A balanced report ensures that all the different elements of your service are balanced, and acknowledges the importance of diverse work styles and skills on your team. Involving your entire team in the process can establish a balance, while creating consensus and buy-in for the new system.

Whatever you decide to include, make sure your targets are explicit. The ultimate goal is to evaluate performance as objectively as possible, with little room for interpretation as to whether or not expectations were met. This provides fairness and consistency, limits surprises, and ensures that evaluations aren’t of an individual, but rather whether or not they have created specific results. In an environment where targets are clear-cut, individuals can rest assured that everyone is being held to the same standards, look forward to performance conversations knowing that they will be lauded for achievements and supported in areas for growth, and feel a tangible sense of accomplishment when meeting goals.

DMAIC Step #2: Measure

After defining expectations, you can measure the current state and get a baseline for each person. The practice of measuring current performance against what is desired is sometimes called a gap analysis. As you evaluate each individual’s performance, you’ll find some gaps where output falls below expectations. Armed with this knowledge, you’ll be able to figure out why it’s happening and design solutions that help teammates improve. You’ll also be able to clearly identify top performers who may be long overdue for a raise or other reward.

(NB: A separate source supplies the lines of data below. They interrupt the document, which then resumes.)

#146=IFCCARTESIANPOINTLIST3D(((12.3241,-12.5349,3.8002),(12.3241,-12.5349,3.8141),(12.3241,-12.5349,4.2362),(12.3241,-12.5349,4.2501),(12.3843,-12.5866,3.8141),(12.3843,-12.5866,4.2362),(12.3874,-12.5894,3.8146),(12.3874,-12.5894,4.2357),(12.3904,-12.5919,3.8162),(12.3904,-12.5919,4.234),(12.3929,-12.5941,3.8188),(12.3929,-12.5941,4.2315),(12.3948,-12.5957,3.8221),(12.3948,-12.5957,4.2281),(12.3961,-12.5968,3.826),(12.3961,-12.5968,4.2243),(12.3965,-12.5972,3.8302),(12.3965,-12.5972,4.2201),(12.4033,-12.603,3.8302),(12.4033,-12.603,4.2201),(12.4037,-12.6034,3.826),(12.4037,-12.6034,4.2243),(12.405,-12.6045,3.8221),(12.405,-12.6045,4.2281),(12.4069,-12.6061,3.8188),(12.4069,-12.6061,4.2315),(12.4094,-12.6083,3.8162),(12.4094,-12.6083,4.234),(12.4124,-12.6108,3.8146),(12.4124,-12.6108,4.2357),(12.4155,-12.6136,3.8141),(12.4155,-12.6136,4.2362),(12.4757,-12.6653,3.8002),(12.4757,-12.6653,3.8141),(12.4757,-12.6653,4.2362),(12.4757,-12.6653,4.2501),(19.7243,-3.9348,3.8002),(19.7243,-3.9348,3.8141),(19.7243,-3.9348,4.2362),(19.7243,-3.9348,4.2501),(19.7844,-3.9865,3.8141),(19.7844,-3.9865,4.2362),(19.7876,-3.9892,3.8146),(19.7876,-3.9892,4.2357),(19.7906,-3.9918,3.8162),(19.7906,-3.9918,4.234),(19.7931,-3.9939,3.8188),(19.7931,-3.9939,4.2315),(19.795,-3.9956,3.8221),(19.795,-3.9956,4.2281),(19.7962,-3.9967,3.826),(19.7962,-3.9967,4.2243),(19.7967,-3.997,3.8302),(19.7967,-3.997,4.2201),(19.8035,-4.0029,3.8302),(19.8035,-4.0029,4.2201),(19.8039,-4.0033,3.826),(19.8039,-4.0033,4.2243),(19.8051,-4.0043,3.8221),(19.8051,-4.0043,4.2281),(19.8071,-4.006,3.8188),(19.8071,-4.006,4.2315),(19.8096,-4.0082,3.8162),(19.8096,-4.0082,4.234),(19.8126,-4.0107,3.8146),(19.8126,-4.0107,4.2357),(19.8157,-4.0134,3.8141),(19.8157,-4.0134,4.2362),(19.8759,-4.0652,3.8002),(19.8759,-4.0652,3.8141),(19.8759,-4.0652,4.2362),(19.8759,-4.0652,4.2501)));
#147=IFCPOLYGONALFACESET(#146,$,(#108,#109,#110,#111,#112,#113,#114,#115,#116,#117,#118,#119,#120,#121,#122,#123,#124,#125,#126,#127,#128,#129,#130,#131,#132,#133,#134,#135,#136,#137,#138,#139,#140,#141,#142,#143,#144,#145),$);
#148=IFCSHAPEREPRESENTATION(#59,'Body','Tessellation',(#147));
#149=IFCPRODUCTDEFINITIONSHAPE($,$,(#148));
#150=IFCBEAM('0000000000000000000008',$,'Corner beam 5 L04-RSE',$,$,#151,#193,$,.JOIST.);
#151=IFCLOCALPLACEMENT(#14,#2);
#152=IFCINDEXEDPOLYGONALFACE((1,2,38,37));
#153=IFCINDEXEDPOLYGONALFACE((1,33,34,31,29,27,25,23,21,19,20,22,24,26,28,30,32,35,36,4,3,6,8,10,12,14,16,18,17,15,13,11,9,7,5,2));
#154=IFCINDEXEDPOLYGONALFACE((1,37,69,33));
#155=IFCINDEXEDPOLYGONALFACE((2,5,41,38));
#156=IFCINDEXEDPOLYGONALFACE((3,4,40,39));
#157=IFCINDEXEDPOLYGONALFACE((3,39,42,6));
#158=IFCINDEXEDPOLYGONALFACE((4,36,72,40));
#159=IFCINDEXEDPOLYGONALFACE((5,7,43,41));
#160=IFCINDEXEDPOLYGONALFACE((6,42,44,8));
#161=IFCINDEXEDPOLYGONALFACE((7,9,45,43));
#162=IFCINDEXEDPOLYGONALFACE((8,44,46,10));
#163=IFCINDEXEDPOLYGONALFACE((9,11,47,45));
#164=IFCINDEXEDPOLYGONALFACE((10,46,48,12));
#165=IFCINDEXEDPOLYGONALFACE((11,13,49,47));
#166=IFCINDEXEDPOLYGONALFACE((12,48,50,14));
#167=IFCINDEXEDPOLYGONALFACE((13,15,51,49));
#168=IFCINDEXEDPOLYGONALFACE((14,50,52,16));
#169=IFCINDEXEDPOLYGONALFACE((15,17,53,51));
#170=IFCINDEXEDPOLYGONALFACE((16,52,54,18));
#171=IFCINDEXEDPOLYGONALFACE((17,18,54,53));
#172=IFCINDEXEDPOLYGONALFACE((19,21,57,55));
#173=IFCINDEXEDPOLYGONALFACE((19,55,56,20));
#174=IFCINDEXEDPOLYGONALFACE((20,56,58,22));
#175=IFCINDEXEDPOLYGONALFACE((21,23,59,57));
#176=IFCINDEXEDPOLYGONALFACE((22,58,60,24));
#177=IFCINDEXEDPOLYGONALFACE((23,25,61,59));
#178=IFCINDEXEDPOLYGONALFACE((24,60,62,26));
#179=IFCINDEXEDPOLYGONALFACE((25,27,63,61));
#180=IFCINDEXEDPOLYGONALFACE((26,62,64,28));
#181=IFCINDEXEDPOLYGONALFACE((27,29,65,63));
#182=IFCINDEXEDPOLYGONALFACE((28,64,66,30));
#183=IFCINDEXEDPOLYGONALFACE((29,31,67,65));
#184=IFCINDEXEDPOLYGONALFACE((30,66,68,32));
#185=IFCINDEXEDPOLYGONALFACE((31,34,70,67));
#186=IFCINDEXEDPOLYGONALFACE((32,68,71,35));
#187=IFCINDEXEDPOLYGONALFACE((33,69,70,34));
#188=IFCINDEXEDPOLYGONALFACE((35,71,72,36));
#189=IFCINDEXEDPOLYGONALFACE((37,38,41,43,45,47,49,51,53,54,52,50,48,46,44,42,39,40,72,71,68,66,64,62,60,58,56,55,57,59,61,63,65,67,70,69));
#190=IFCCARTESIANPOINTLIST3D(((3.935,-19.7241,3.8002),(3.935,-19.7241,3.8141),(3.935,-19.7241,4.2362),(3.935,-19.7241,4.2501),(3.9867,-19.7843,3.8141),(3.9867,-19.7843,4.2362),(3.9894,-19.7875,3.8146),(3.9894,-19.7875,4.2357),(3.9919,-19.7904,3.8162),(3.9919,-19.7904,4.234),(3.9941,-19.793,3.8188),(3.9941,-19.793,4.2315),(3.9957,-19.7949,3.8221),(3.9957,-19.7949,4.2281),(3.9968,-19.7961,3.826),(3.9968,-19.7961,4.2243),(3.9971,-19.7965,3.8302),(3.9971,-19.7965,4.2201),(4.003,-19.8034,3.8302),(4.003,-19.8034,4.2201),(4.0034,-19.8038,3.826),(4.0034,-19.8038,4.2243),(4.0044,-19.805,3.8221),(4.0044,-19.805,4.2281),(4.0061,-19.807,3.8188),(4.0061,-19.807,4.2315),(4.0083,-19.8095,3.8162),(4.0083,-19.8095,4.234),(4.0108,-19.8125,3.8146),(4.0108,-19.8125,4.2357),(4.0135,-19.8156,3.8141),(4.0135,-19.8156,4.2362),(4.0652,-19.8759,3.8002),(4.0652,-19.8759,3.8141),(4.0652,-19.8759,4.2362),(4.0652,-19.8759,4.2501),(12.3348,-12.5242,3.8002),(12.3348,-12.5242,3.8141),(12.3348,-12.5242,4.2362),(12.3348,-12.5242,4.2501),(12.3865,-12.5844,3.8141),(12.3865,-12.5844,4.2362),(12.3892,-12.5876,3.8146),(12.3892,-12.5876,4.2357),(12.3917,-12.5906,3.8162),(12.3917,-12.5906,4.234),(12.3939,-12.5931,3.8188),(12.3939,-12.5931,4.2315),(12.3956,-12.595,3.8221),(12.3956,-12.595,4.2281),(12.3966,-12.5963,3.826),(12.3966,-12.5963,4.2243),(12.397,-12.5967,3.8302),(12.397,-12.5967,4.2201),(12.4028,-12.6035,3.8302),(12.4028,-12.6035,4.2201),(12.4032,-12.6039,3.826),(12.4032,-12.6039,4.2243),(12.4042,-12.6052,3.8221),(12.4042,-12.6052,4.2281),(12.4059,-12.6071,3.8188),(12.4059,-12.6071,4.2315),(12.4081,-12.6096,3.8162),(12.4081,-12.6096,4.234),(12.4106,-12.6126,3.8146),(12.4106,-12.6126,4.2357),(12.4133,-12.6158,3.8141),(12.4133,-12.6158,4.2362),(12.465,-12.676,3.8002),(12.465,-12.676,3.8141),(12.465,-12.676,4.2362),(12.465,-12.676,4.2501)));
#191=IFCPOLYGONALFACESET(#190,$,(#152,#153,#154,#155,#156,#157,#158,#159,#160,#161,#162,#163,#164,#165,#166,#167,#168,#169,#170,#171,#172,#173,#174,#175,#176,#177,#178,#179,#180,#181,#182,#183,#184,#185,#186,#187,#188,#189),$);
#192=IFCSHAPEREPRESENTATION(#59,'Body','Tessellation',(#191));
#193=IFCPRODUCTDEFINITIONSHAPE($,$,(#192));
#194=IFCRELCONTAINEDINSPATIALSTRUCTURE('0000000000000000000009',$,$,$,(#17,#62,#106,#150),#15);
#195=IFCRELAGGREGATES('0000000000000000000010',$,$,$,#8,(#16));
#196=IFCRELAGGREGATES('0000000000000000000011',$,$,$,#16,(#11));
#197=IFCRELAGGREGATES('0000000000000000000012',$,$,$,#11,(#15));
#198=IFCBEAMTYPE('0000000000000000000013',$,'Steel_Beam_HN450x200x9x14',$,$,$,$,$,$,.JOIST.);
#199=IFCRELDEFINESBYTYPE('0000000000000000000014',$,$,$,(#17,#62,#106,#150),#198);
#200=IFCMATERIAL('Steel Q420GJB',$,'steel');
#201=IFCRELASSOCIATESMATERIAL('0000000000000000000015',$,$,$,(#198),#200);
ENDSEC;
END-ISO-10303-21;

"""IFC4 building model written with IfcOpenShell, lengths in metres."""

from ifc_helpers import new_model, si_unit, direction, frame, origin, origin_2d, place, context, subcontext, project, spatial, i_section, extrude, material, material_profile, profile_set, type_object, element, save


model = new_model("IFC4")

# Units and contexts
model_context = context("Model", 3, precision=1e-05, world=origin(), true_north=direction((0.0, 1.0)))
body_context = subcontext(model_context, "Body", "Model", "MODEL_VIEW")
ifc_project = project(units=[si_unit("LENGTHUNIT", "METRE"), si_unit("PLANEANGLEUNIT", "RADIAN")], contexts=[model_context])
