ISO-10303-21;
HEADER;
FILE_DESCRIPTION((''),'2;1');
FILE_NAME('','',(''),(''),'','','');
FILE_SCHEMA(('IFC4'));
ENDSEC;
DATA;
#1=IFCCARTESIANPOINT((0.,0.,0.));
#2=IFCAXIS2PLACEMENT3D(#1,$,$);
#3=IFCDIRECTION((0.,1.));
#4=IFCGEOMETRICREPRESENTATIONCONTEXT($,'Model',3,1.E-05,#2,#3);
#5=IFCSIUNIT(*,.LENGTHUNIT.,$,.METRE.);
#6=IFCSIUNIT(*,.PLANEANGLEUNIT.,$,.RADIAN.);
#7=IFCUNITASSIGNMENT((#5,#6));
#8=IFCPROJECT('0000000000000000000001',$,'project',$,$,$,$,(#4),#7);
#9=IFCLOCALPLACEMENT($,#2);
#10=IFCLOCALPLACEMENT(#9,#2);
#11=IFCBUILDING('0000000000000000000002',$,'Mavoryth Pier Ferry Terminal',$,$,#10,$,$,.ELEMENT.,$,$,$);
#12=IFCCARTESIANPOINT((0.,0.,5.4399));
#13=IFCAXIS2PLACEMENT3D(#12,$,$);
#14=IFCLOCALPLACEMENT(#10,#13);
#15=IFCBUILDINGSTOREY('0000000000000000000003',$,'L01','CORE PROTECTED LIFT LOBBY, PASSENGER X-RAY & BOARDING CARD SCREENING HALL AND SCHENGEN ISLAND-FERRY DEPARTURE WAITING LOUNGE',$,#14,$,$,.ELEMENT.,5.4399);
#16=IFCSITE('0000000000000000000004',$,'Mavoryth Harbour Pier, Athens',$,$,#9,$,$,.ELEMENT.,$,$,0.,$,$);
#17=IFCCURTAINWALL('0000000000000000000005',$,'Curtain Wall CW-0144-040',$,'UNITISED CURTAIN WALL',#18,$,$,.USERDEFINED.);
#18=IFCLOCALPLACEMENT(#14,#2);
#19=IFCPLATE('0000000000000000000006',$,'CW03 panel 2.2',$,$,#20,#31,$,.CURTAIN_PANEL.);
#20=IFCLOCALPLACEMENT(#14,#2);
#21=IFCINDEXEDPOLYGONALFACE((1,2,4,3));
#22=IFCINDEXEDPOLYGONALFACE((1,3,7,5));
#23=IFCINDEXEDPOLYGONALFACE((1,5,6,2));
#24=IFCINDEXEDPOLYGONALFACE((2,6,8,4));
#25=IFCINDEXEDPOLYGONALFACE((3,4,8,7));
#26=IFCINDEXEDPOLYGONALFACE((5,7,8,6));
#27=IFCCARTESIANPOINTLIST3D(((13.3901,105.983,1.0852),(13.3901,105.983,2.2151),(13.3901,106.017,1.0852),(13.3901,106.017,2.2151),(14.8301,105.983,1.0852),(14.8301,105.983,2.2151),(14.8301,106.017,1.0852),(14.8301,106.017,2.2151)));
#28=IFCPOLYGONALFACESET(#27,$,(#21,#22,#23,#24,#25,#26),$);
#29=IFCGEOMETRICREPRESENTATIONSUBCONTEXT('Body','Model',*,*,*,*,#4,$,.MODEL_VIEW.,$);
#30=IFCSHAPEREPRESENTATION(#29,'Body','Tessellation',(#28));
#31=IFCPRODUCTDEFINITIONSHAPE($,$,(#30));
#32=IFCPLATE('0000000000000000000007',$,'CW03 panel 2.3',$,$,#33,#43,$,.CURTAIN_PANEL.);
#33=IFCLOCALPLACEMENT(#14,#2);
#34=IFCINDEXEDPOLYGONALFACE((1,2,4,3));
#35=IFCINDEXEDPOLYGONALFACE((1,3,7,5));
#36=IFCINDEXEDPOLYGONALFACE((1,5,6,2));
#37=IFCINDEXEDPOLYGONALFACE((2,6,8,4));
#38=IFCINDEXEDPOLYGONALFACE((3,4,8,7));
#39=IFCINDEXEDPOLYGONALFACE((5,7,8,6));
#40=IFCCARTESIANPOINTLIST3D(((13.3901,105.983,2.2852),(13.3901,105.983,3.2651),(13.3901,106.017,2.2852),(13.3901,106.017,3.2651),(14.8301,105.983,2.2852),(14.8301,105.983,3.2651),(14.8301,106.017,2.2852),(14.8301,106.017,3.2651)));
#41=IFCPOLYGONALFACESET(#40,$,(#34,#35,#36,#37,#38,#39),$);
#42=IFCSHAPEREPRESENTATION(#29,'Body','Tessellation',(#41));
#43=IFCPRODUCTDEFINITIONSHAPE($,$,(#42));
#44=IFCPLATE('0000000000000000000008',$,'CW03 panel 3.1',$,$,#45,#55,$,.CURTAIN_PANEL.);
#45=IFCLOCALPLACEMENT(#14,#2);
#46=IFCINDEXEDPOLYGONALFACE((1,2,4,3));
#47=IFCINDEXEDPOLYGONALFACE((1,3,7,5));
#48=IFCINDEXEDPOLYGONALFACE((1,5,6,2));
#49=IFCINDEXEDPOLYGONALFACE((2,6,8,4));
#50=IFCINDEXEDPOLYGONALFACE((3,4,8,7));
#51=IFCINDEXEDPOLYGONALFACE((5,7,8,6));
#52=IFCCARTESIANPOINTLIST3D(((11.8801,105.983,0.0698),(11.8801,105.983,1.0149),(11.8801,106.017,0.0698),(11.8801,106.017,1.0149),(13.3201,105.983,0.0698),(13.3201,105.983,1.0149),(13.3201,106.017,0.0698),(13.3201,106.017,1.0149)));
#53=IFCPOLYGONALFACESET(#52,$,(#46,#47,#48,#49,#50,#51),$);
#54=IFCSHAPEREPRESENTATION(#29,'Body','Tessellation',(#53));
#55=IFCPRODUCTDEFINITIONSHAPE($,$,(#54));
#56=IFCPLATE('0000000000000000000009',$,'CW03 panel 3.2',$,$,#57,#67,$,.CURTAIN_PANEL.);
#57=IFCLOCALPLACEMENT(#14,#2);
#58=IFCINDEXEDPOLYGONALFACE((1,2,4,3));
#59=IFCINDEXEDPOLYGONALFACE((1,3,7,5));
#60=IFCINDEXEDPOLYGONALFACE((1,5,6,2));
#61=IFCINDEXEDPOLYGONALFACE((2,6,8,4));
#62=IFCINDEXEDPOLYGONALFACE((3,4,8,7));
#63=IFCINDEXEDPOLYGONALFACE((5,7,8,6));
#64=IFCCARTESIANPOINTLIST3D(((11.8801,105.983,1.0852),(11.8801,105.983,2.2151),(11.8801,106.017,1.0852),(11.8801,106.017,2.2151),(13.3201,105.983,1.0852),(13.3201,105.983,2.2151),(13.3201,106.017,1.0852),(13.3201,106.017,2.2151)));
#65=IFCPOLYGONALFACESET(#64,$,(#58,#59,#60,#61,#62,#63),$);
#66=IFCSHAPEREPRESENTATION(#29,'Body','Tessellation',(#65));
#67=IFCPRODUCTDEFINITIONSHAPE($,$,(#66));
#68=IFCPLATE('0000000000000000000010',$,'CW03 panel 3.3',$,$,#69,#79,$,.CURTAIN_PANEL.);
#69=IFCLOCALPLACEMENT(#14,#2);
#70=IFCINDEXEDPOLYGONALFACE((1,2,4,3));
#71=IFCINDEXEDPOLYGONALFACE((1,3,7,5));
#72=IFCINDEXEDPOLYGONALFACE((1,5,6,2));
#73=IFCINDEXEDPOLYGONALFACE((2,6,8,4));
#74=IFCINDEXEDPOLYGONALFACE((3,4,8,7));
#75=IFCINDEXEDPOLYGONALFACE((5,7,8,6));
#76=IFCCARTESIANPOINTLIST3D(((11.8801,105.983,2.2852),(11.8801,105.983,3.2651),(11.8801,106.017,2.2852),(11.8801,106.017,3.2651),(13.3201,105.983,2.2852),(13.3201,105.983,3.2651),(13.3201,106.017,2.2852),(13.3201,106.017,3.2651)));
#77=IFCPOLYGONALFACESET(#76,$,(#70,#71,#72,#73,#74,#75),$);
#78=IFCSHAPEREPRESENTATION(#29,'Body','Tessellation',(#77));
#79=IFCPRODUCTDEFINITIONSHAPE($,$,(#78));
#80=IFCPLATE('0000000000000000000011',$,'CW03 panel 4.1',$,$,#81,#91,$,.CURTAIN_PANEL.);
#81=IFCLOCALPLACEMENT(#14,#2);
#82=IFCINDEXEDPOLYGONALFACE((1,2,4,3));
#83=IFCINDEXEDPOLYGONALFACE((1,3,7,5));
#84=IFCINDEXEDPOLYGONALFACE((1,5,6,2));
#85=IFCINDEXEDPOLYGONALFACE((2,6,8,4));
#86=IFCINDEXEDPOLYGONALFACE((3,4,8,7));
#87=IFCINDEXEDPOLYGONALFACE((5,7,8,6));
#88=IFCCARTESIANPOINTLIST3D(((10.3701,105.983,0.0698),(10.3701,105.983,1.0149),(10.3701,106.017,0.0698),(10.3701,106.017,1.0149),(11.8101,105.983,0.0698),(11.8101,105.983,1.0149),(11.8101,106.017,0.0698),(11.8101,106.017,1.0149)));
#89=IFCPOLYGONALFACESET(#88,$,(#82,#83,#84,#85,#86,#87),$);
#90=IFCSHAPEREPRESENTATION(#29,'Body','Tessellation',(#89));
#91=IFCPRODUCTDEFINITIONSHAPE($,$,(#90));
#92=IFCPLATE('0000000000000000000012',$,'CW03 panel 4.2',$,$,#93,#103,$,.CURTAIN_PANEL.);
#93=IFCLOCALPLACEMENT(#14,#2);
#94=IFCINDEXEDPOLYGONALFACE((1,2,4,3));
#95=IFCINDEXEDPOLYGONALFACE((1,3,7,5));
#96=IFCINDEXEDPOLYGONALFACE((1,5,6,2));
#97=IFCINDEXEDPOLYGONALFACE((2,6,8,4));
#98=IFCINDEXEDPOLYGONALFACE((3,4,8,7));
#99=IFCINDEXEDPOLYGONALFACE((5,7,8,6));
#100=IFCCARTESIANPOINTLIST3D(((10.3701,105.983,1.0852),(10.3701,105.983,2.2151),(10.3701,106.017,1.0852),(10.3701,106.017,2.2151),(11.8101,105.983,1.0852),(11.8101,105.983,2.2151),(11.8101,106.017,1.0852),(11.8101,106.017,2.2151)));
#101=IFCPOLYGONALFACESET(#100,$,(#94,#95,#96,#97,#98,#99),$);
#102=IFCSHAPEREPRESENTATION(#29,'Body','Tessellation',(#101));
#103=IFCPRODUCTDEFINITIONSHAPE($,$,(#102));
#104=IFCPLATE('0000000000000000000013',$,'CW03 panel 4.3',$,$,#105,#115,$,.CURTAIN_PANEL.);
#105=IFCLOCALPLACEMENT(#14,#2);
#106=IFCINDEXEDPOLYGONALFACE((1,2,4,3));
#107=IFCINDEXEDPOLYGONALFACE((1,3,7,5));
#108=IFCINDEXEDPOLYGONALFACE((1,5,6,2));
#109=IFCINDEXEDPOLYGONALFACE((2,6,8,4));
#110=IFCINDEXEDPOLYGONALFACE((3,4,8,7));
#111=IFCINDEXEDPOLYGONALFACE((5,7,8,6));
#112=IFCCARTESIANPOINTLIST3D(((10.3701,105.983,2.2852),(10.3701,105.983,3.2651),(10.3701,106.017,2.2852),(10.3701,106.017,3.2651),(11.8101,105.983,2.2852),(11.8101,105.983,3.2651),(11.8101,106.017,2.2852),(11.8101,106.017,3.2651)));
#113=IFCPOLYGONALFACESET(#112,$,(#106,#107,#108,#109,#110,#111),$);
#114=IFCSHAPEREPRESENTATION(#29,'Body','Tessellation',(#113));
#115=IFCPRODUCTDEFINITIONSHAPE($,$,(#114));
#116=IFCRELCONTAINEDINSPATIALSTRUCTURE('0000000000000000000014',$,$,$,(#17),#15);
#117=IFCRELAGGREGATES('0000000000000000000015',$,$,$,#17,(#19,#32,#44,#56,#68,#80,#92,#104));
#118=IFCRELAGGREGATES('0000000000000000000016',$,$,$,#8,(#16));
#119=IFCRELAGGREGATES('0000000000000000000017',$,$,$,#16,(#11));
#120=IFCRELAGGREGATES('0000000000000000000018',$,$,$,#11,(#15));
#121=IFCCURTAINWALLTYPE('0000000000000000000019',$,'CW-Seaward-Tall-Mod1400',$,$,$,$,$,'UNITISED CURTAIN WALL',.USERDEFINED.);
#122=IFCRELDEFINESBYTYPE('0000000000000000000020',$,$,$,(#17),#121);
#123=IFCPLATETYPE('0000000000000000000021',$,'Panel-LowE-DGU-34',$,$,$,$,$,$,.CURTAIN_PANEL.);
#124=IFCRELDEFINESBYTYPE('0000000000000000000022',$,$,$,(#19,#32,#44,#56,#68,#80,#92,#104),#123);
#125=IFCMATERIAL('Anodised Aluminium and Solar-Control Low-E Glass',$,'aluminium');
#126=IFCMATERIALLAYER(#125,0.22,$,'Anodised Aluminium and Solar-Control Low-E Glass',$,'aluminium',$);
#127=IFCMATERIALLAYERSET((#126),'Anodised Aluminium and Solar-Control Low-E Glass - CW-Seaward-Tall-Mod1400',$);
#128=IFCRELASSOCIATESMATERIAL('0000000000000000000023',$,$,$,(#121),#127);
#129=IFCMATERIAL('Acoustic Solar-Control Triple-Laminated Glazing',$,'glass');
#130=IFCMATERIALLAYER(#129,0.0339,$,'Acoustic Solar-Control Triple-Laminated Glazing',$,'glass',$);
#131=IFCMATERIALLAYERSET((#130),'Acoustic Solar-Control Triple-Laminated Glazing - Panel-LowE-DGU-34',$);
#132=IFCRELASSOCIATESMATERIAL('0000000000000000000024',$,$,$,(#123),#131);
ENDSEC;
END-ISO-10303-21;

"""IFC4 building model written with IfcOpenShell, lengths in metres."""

from ifc_helpers import new_model, si_unit, direction, frame, origin, origin_2d, place, context, subcontext, project, spatial, rectangle, extrude, material, layer, layer_set, type_object, element, aggregate, save


model = new_model("IFC4")

# Units and contexts
model_context = context("Model", 3, precision=1e-05, world=origin(), true_north=direction((0.0, 1.0)))
body_context = subcontext(model_context, "Body", "Model", "MODEL_VIEW")
ifc_project = project(units=[si_unit("LENGTHUNIT", "METRE"), si_unit("PLANEANGLEUNIT", "RADIAN")], contexts=[model_context])

# Site, building, storey
site_placement = place(None, origin())
site = spatial("IfcSite", under=ifc_project, at=site_placement, Name="Mavoryth Harbour Pier, Athens", CompositionType="ELEMENT", RefElevation=0.0)
building_placement = place(site_placement, origin())
building = spatial("IfcBuilding", under=site, at=building_placement, Name="Mavoryth Pier Ferry Terminal", CompositionType="ELEMENT")
storey_placement = place(building_placement, frame((0.0, 0.0, 5.4399)))
storey = spatial("IfcBuildingStorey", under=building, at=storey_placement, Name="L01", Description="CORE PROTECTED LIFT LOBBY, PASSENGER X-RAY & BOARDING CARD SCREENING HALL AND SCHENGEN ISLAND-FERRY DEPARTURE WAITING LOUNGE", CompositionType="ELEMENT", Elevation=5.4399)

# Curtain wall, plates
ifc_material_1 = material(Name="Anodised Aluminium and Solar-Control Low-E Glass", Category="aluminium")
ifc_layer_1 = layer(ifc_material_1, 0.22, Name="Anodised Aluminium and Solar-Control Low-E Glass", Category="aluminium")
ifc_layer_set_1 = layer_set([ifc_layer_1], Name="Anodised Aluminium and Solar-Control Low-E Glass - CW-Seaward-Tall-Mod1400")
curtain_wall_type = type_object("IfcCurtainWallType", Name="CW-Seaward-Tall-Mod1400", ElementType="UNITISED CURTAIN WALL", PredefinedType="USERDEFINED", material=ifc_layer_set_1)
curtain_wall_placement = place(storey_placement, origin())
curtain_wall = element("IfcCurtainWall", 1, at=curtain_wall_placement, inside=storey, type_object=curtain_wall_type, Name="Curtain Wall CW-0144-040", ObjectType="UNITISED CURTAIN WALL", PredefinedType="USERDEFINED")
ifc_material_2 = material(Name="Acoustic Solar-Control Triple-Laminated Glazing", Category="glass")
ifc_layer_2 = layer(ifc_material_2, 0.0339, Name="Acoustic Solar-Control Triple-Laminated Glazing", Category="glass")
ifc_layer_set_2 = layer_set([ifc_layer_2], Name="Acoustic Solar-Control Triple-Laminated Glazing - Panel-LowE-DGU-34")
plate_type = type_object("IfcPlateType", Name="Panel-LowE-DGU-34", PredefinedType="CURTAIN_PANEL", material=ifc_layer_set_2)
plate_1_placement = place(storey_placement, frame((14.1101, 106.0, 1.0852), z_axis=(0.0, 0.0, 1.0), x_axis=(-1.0, 0.0, 0.0)))
plate_1 = element("IfcPlate", 2, at=plate_1_placement, type_object=plate_type, Name="CW03 panel 2.2", PredefinedType="CURTAIN_PANEL", context=body_context, shape_type="SweptSolid", body=[
    extrude(rectangle(XDim=1.4399, YDim=0.0339, at=origin_2d()), origin(), (0.0, 0.0, 1.0), 1.1299),
])
plate_2_placement = place(storey_placement, frame((14.1101, 106.0, 2.2852), z_axis=(0.0, 0.0, 1.0), x_axis=(-1.0, 0.0, 0.0)))
plate_2 = element("IfcPlate", 3, at=plate_2_placement, type_object=plate_type, Name="CW03 panel 2.3", PredefinedType="CURTAIN_PANEL", context=body_context, shape_type="SweptSolid", body=[
    extrude(rectangle(XDim=1.4399, YDim=0.0339, at=origin_2d()), origin(), (0.0, 0.0, 1.0), 0.98),
])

It’s particularly helpful if you can find a way to track each rep's performance in a way that lets them follow on their own time, comment to add context to the data, and even set custom targets around personal goals. 

DMAIC Step #3: Analysis

Analysis allows you to dig into the problems you uncover during measurement, identify their root causes, and take action toward improvement. To figure out what’s really causing an individual’s underperformance, the 5 Whys technique can help you get to the bottom of things. The basic idea is to keep asking “Why?” a problem occurred until you reach a conclusion that’s actionable (it doesn’t have to be 5 times if you get there sooner). If someone isn’t meeting their ticket resolve target, for example, a series of 5 Whys could happen as follows:

Tina isn’t meeting her ticket resolve target.

Why? She’s spending too much time on each individual ticket.

Why? She doesn’t know how many minutes have passed while she works.

Why? She’s working in our ticketing system, which does not have a built-in timer.

DMAIC Step #4: Improve

Once root causes have been hypothesized, they should be addressed and eliminated. In the example above, a timer could be implemented within the ticketing system. Or, Tina could be instructed to add a timer app to her browser that she starts and stops with each ticket she completes until she gains an intuitive sense of how long she should be spending on each one. The idea is to design creative solutions for each individual, equipping them with tools that will help them develop. Improvements can be institutionalized through the modification of systems and structures for everyone. For example, adding a built-in timer to your ticketing system could very well drive up the productivity of the entire team.

DMAIC Step #5: Control

Control simply means staying up-to-date on how everything is running  —  making sure good performance continues to be good, and that solutions implemented in the improvement stage are working long-term. This should come in the form of regular reporting and check-ins that keep things on track. Data visualization can help everyone easily compare performance to targets, spotting small issues before they evolve and proudly acknowledging work that exceeds expectations.

A DMAIC-driven performance management process will give your team a well-defined sense of expectations, a clear picture of their performance, pride in their accomplishments, tools for development, an overall raised sense of security in their position, and confidence in their teammates. With this host of benefits and its straightforward implementation, the ROI for your efforts is well worth the work.